Судья двух приказов, человек дела, Ананья отлично это понимает. В душе его нет места ни легкомысленным надеждам, ни пустым суевериям, ни даже особенному страху.
Отъехав от деревни в поле на солнцепек, весь в черном, Ананья нетерпеливо оглядывал просторный небесный свод — отсюда, с юго-восточной стороны, ожидал он разрешения некоторых своих затруднений. Досадуя на задержку, Ананья с неудовольствием оборачивался, когда раскатистые сотрясения в воздухе сообщали о новых судорогах того или другого блуждающего дворца — развалины гляделись грядою неровных скалистых холмов, отличных от прилегающих полей и перелесков полным отсутствием растительности. Кое-где, разделившись на отряды, скакали великокняжеские конники, получившие приказ травить миродеров в ближайших окрестностях дворцов, но эта охота мало занимала Ананью, он ждал крылатого вестника из столицы.

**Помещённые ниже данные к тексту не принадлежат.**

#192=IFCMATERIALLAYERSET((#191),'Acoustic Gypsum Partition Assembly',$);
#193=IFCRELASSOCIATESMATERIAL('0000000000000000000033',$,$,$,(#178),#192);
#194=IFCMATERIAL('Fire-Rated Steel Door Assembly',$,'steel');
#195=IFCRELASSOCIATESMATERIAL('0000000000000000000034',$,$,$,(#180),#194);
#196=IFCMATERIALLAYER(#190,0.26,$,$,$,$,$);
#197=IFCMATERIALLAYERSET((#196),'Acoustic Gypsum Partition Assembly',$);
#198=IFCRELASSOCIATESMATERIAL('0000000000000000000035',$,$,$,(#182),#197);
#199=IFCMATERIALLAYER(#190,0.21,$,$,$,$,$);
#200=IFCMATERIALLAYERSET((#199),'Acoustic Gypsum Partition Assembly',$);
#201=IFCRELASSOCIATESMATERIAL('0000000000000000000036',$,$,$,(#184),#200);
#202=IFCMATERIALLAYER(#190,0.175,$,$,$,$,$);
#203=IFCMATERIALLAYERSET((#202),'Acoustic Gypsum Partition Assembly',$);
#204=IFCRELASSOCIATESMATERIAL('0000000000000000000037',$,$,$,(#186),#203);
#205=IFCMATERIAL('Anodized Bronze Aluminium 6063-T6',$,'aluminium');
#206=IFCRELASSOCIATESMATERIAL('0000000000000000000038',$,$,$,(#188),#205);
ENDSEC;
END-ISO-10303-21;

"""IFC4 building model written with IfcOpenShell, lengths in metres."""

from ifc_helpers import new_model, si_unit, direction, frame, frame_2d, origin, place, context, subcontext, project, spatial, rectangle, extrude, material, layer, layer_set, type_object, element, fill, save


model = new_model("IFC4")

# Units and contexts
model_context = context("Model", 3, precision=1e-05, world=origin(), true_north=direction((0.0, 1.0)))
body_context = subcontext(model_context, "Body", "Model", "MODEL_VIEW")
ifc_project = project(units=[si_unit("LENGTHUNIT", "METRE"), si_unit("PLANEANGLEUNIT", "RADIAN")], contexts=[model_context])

Досадливое нетерпение судьи выражалось негромким, но явственным чертыханьем, временами он позволял себе и такие сильные выражения как «старый хрен!» Если что извиняло судью в непозволительной горячности, так это, наверное, то обстоятельство, что даже в полнейшем уединении, в поле, Ананья остерегался называть старого хрена по имени. Так что, застигнутый врасплох или поставленный на очную ставку с каким-нибудь совсем неожиданным свидетелем, предусмотрительный судья всегда сохранял возможность оправдаться тем, что имел в виду самого себя.

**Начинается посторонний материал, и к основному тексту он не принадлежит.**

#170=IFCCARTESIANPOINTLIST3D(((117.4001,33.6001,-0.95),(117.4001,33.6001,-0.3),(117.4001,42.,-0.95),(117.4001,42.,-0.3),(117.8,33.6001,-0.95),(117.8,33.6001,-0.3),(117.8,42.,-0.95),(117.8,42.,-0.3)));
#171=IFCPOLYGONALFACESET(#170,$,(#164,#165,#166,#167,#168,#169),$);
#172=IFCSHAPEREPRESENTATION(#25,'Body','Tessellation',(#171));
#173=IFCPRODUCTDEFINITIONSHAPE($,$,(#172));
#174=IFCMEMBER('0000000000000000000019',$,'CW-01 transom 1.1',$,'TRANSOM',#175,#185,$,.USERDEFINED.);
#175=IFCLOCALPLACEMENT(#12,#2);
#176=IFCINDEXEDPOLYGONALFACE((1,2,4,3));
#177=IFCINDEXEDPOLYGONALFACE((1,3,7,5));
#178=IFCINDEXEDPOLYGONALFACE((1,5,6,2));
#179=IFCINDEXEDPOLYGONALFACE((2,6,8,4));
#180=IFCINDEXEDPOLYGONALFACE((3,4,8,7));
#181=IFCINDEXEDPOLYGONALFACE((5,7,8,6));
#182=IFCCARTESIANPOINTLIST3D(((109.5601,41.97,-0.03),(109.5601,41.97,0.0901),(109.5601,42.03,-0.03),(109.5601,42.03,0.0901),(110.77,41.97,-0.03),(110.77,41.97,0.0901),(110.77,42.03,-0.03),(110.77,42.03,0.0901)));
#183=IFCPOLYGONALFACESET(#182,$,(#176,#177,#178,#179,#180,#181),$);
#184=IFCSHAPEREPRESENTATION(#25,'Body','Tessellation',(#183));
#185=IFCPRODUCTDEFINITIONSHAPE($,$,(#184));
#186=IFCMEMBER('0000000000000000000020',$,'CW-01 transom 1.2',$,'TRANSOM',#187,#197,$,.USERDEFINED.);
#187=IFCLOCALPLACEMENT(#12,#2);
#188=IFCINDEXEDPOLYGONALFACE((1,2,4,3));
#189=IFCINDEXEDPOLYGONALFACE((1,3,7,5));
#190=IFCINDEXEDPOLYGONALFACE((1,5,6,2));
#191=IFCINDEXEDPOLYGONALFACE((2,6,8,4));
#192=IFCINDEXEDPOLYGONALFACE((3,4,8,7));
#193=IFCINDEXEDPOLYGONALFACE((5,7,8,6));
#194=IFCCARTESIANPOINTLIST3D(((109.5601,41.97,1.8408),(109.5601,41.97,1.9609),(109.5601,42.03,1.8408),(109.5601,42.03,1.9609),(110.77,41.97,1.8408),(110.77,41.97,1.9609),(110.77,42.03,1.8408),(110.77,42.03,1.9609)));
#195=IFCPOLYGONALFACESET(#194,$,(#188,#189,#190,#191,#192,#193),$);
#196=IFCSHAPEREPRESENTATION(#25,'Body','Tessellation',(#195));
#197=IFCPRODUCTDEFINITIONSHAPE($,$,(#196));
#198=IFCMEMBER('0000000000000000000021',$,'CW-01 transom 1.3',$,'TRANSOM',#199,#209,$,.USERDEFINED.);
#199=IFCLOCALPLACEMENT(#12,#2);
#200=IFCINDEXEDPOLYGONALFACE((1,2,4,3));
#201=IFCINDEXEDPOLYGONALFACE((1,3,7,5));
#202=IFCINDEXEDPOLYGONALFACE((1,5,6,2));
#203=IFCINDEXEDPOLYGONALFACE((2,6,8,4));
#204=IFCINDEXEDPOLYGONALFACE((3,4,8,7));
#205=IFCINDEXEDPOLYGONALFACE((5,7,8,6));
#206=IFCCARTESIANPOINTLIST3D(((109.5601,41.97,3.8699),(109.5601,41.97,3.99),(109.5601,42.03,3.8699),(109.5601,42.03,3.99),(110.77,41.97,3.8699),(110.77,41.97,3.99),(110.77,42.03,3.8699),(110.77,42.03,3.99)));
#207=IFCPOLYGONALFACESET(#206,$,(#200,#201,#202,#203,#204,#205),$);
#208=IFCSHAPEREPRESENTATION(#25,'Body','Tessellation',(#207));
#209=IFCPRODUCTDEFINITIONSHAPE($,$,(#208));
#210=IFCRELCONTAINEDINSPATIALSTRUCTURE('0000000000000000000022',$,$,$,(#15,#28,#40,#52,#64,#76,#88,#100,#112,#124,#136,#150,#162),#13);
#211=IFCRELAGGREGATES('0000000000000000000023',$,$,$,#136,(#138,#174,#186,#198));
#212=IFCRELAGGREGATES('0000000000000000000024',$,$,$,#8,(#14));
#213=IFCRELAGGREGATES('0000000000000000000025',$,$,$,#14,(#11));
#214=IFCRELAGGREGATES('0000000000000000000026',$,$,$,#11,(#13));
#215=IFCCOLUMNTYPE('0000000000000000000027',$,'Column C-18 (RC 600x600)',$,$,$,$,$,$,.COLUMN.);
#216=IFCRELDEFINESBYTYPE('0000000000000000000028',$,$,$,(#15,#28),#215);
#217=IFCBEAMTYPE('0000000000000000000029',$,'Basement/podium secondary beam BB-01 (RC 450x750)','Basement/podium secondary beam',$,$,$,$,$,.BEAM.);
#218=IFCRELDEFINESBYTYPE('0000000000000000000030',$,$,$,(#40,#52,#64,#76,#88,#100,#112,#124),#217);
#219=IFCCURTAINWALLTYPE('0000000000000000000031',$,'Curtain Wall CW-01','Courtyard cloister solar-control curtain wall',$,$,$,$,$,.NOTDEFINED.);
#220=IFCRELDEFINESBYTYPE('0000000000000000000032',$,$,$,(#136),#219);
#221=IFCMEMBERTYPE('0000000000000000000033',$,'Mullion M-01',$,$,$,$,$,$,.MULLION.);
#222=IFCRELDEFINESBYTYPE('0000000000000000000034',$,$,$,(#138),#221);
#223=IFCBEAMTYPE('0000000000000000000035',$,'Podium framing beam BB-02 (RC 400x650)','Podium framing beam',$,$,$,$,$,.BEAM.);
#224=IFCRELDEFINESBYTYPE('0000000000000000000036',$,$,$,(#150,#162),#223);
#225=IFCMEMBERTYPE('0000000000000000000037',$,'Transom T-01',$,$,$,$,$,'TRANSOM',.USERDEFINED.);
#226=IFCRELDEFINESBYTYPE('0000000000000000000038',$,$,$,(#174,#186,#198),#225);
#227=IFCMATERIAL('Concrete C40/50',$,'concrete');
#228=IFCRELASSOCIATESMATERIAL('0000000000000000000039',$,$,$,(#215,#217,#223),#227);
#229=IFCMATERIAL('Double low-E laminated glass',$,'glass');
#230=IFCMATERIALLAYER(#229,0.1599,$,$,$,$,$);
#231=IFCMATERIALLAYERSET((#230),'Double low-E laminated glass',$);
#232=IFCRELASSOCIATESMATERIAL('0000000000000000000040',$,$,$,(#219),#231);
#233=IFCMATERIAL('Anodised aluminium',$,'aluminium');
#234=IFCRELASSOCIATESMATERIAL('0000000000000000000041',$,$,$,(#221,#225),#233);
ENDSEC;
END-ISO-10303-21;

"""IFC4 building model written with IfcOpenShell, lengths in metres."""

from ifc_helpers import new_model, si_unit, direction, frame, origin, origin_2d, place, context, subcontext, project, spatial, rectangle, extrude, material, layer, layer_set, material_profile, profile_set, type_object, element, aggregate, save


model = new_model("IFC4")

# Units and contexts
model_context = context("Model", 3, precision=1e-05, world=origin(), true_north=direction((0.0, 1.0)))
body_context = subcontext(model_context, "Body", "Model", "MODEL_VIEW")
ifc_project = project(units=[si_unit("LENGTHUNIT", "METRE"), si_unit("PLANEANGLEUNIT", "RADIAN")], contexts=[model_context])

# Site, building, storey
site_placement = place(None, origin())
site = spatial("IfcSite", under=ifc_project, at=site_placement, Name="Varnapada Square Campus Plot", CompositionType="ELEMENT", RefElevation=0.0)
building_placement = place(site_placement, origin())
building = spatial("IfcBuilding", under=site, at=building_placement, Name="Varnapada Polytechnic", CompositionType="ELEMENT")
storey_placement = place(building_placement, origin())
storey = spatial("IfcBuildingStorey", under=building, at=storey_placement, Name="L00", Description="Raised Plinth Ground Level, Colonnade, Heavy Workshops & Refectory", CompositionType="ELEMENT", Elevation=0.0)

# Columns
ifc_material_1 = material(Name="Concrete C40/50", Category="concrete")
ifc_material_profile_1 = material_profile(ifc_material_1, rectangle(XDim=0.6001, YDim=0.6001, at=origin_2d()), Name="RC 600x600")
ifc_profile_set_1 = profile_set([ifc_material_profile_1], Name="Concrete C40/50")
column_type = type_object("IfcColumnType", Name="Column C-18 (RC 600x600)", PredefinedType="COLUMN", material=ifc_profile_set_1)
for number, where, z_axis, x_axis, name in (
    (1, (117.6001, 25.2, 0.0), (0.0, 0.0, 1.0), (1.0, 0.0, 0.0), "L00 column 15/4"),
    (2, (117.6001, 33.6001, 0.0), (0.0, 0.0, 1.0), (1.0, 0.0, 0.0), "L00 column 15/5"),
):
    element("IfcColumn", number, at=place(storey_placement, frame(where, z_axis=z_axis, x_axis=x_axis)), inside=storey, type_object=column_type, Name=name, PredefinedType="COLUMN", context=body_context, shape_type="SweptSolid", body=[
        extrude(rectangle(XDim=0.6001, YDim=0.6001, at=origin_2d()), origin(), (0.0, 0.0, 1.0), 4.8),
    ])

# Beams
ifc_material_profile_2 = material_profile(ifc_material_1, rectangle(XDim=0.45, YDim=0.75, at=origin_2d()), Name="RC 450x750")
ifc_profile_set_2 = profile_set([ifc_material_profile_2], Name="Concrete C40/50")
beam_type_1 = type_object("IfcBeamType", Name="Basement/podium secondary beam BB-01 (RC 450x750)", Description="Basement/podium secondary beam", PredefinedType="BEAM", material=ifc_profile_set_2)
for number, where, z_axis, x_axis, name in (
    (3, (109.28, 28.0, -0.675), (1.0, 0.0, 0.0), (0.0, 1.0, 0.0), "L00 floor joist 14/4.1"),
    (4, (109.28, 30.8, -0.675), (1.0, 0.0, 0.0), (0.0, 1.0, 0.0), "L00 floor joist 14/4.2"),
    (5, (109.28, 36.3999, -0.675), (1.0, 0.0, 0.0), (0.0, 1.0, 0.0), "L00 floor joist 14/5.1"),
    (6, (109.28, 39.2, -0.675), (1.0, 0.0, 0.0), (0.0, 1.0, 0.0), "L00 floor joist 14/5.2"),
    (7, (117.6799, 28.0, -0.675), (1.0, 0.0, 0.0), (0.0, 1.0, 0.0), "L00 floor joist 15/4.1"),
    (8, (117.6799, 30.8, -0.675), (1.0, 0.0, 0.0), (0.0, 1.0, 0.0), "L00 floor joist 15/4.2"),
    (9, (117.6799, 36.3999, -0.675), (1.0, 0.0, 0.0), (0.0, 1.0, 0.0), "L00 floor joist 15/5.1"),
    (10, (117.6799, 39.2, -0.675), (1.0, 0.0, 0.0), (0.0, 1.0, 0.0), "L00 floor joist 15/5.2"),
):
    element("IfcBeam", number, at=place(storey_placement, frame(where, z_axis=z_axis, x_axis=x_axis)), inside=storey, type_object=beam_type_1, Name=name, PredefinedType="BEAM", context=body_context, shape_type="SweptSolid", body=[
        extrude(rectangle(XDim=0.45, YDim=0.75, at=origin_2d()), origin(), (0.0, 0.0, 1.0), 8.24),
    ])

Трудно сказать изменил ли Ананья мнение о том не названном по имени человеке, которого отметил столь нелестным обозначением, или же со свойственной ему, как отмечалось, предусмотрительностью оставил это мнение до другого случая, только он тотчас же замолчал и больше уж не поминал старого хрена с того мгновения, как приметил в небе черное, махающее крыльями пятнышко. Ну, наконец-то! только и сказал он.
Крупная орлица, вздымая ветер, свалилась судье на руки, и он без промедления срезал плотно примотанный к костлявой ноге мешочек. Посылка содержала в себе сморщенную посинелую кочерыжку, в которой привычный к ужасам человек признал бы отрубленный палец. Ананья признал тотчас. Палец великого слованского государя с глубоко въевшимся в плоть волшебным перстнем Параконом.

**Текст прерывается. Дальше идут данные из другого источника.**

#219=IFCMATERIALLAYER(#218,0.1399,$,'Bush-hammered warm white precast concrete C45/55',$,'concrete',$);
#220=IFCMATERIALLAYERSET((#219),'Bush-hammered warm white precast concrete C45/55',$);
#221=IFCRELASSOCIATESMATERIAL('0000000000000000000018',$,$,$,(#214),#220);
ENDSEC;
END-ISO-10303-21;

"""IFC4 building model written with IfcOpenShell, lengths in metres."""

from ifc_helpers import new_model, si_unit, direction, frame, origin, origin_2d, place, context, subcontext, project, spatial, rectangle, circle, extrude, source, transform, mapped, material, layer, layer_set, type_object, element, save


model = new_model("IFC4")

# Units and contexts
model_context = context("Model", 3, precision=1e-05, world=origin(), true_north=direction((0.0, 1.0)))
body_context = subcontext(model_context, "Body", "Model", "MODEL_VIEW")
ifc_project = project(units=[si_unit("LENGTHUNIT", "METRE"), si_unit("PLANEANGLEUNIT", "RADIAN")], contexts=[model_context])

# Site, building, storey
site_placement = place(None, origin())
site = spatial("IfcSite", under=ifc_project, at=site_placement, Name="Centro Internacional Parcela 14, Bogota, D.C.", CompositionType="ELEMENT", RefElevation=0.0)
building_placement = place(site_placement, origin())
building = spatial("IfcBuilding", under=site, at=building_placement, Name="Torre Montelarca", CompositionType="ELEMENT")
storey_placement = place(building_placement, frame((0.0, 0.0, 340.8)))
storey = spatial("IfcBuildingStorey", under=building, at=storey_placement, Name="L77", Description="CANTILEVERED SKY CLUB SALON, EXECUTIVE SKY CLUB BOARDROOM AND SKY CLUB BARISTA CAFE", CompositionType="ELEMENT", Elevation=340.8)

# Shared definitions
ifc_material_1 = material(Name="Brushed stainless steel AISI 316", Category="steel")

Настороженно оглянувшись на скромно стоявших поодаль дворян, он попытался сдернуть кольцо с обрубка, а когда не справился с этим, поглубже спрятал его в карман. Затем развернул испачканную почернелой кровью записку.
«Что, старый висельник, — писал Лжевидохин в приметном раздражении духа и тела. Неровные буквы злобно скакали, отражая стреляющие боли в лишенной пальца левой руке, — получил, что хотел?! Благодарности не дождешься! Шиш с маслом тебе, каналья! И если что — пеняй теперь на себя. Скотина ты, выродок!»